Wykupienie pierwotnego marzenia WHO nastąpiło za pełną zgodą pracowników. Podobnie jak wschodnioindyjskie firmy z poprzedniej ery, WHO i jej rozwijający się partnerzy oferują ekscytujące i dochodowe kariery. Demontaż tego będzie bolesnym procesem dla wielu tysięcy osób w tym pociągu do zarabiania pieniędzy i będą walczyć tak, jak pracownicy w każdym dużym przemyśle wydobywczym zagrożonym.
Kiedy WHO będzie miała siedzibę w Nairobi lub Delhi, będziemy wiedzieć, że zdrowie publiczne znów będzie dotyczyć populacji, a nie zysku. Kiedy duże partnerstwa publiczno-prywatne skoncentrują się na odporności jednostki, a nie na szybkich rozwiązaniach związanych z patentami, możemy uwierzyć, że dekolonizacja jest zamierzeniem. Do tego czasu globalny przemysł zdrowotny powinien być traktowany tak samo jak każdy rozwijający się przemysł, który wykorzystuje publiczne pieniądze dla dobra inwestorów. Przemysł zbrojeniowy jest oczywistym odpowiednikiem; oba mogą wydobywać zarówno życie, jak i bogactwo, i oba wykorzystują stare hierarchie kolonialne.

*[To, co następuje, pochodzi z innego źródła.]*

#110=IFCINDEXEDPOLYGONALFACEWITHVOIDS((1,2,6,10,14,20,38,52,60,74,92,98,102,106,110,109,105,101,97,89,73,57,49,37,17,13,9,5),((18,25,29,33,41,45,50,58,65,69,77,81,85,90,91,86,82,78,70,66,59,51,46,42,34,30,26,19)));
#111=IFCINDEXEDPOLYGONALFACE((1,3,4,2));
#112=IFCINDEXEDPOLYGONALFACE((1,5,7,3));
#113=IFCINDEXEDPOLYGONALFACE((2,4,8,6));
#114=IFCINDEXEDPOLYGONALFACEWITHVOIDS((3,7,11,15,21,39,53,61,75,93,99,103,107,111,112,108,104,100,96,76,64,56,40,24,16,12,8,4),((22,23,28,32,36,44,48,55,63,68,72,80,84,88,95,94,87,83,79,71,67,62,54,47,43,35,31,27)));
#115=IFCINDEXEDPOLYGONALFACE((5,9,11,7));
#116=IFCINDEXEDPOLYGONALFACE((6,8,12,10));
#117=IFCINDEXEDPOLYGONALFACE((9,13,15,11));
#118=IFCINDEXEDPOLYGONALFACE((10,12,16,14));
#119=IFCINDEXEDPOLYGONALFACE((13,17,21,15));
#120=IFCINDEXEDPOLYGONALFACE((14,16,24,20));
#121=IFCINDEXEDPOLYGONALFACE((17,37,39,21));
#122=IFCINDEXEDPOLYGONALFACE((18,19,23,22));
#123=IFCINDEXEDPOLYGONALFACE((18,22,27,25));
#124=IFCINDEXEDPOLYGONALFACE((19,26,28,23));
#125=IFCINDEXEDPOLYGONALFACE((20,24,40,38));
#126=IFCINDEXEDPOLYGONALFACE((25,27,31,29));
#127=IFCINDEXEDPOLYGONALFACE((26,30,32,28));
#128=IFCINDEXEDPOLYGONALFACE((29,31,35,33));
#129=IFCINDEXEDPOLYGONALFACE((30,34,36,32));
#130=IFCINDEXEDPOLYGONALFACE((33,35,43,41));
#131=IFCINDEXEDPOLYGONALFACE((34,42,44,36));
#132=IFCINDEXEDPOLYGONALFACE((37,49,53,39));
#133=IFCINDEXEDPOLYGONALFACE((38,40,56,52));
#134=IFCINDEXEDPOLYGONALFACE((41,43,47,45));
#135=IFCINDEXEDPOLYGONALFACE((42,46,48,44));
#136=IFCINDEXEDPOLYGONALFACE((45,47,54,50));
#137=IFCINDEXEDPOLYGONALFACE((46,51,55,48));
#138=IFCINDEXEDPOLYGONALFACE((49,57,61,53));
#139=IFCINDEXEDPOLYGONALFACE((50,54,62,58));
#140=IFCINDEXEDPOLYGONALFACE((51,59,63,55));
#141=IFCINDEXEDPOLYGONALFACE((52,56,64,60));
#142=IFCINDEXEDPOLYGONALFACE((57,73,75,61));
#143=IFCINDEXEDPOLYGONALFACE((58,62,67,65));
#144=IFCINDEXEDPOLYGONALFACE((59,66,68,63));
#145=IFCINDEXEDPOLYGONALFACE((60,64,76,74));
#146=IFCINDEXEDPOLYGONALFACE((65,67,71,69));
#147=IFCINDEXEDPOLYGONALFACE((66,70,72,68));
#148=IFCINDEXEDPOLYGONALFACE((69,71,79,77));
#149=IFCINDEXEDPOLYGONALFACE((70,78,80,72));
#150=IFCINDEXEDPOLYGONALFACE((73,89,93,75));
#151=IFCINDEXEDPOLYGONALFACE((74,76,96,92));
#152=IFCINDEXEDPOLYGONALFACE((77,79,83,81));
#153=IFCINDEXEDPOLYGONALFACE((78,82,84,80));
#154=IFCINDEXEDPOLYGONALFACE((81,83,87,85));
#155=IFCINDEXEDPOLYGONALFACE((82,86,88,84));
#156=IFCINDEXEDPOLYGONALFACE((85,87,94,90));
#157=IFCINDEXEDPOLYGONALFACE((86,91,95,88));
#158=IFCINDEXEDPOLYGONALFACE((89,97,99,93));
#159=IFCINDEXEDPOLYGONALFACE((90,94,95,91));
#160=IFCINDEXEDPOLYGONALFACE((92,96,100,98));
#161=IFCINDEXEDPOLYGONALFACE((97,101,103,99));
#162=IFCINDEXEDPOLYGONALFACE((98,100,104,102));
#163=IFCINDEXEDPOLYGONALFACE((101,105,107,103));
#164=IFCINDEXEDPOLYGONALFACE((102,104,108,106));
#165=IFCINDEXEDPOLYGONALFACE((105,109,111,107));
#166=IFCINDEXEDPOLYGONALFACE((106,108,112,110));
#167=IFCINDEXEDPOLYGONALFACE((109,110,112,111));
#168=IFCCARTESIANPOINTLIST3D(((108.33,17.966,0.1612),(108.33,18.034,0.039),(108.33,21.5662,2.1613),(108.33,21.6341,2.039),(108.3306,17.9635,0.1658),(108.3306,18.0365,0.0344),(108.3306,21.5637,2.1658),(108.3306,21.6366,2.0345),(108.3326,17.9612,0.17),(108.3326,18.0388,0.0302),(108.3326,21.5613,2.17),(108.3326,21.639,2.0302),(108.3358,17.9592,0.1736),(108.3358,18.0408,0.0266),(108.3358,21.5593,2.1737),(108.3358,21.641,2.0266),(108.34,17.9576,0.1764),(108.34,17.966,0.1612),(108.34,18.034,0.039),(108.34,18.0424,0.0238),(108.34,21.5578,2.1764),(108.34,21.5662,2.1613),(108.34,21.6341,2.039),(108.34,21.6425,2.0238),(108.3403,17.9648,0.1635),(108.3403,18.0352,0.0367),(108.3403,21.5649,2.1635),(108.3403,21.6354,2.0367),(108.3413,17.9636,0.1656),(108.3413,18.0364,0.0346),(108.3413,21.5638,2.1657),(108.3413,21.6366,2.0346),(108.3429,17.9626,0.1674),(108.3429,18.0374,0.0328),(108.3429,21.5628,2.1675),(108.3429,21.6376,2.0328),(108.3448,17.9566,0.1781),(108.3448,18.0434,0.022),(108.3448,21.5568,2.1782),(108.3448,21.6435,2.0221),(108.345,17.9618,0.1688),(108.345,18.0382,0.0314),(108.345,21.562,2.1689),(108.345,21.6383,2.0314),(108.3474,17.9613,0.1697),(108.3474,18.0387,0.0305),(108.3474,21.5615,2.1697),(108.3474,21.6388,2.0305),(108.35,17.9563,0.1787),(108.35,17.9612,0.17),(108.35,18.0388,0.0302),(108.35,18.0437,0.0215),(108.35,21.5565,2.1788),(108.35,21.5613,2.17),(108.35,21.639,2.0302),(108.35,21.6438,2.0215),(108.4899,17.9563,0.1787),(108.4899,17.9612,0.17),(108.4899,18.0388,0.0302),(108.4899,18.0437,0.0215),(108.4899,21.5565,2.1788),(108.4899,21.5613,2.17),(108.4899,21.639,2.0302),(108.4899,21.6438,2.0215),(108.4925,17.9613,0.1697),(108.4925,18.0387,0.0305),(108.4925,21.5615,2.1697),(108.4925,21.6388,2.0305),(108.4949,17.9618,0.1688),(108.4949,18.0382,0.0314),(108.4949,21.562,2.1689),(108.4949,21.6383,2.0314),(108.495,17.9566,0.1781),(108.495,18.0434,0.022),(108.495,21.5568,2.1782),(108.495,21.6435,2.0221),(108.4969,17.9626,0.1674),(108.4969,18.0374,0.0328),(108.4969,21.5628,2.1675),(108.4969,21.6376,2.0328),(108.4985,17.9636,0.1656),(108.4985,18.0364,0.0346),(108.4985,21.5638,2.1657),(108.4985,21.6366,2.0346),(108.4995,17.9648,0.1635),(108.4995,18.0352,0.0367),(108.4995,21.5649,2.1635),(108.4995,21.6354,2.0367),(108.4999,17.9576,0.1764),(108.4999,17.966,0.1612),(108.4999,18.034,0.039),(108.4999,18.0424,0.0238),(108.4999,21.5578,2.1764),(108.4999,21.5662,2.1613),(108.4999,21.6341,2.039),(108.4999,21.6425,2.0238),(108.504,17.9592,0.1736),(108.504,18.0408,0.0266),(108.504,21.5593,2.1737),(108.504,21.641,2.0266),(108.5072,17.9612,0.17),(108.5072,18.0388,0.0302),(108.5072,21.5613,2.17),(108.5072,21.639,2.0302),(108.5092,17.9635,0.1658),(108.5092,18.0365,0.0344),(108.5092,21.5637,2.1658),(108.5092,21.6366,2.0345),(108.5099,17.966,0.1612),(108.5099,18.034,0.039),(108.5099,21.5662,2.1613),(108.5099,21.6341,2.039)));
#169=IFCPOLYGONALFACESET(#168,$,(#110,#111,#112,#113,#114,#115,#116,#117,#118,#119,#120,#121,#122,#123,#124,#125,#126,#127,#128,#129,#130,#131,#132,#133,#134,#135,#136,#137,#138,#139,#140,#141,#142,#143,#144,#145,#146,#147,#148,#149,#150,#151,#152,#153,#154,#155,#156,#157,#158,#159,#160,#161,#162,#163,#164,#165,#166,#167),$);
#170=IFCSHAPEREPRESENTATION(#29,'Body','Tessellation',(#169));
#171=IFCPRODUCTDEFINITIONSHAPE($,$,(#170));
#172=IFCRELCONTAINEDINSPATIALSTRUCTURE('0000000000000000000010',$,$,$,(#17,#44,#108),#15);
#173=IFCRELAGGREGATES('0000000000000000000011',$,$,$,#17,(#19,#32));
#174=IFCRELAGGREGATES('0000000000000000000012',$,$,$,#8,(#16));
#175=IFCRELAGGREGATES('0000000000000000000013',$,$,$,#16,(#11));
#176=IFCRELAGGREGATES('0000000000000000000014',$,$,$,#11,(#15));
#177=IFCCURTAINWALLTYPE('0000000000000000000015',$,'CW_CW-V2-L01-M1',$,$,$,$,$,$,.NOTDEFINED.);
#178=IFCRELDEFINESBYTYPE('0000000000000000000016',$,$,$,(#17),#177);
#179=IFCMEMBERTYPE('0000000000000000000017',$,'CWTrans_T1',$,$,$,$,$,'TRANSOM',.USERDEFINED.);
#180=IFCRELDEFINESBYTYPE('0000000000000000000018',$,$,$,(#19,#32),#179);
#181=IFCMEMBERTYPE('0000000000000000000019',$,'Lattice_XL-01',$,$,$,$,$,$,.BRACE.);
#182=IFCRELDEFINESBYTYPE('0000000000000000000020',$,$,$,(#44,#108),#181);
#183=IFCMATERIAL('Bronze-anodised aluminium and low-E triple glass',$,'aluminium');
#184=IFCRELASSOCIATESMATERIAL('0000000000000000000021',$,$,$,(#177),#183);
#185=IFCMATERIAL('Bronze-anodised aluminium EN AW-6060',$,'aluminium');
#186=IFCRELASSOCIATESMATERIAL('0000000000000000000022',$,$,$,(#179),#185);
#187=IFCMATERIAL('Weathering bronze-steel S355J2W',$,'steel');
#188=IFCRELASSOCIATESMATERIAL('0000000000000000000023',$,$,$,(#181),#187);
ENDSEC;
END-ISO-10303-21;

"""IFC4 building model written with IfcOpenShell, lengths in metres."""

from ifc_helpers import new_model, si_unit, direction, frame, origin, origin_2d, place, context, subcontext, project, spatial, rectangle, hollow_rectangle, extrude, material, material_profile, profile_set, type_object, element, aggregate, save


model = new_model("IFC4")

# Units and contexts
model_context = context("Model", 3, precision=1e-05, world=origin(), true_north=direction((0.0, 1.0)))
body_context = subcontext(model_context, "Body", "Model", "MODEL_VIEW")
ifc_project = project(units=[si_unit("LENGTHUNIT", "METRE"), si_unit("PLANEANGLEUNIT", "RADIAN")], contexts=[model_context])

Postrzeganie instytucji zdrowia publicznego jako neokolonialnych instrumentów, którymi się stały, i zrozumienie, co kieruje tymi w ich obrębie, jest niezbędne dla postępu. Przyszły świat, który jest zdrowszy i bardziej sprawiedliwy, jest nadal możliwy, ale pęd zdrowia publicznego jest wyraźnie skierowany gdzie indziej.
Opublikowane pod a Creative Commons Uznanie autorstwa 4.0 Licencja międzynarodowa
W przypadku przedruków ustaw link kanoniczny z powrotem na oryginał Instytut Brownstone Artykuł i autor.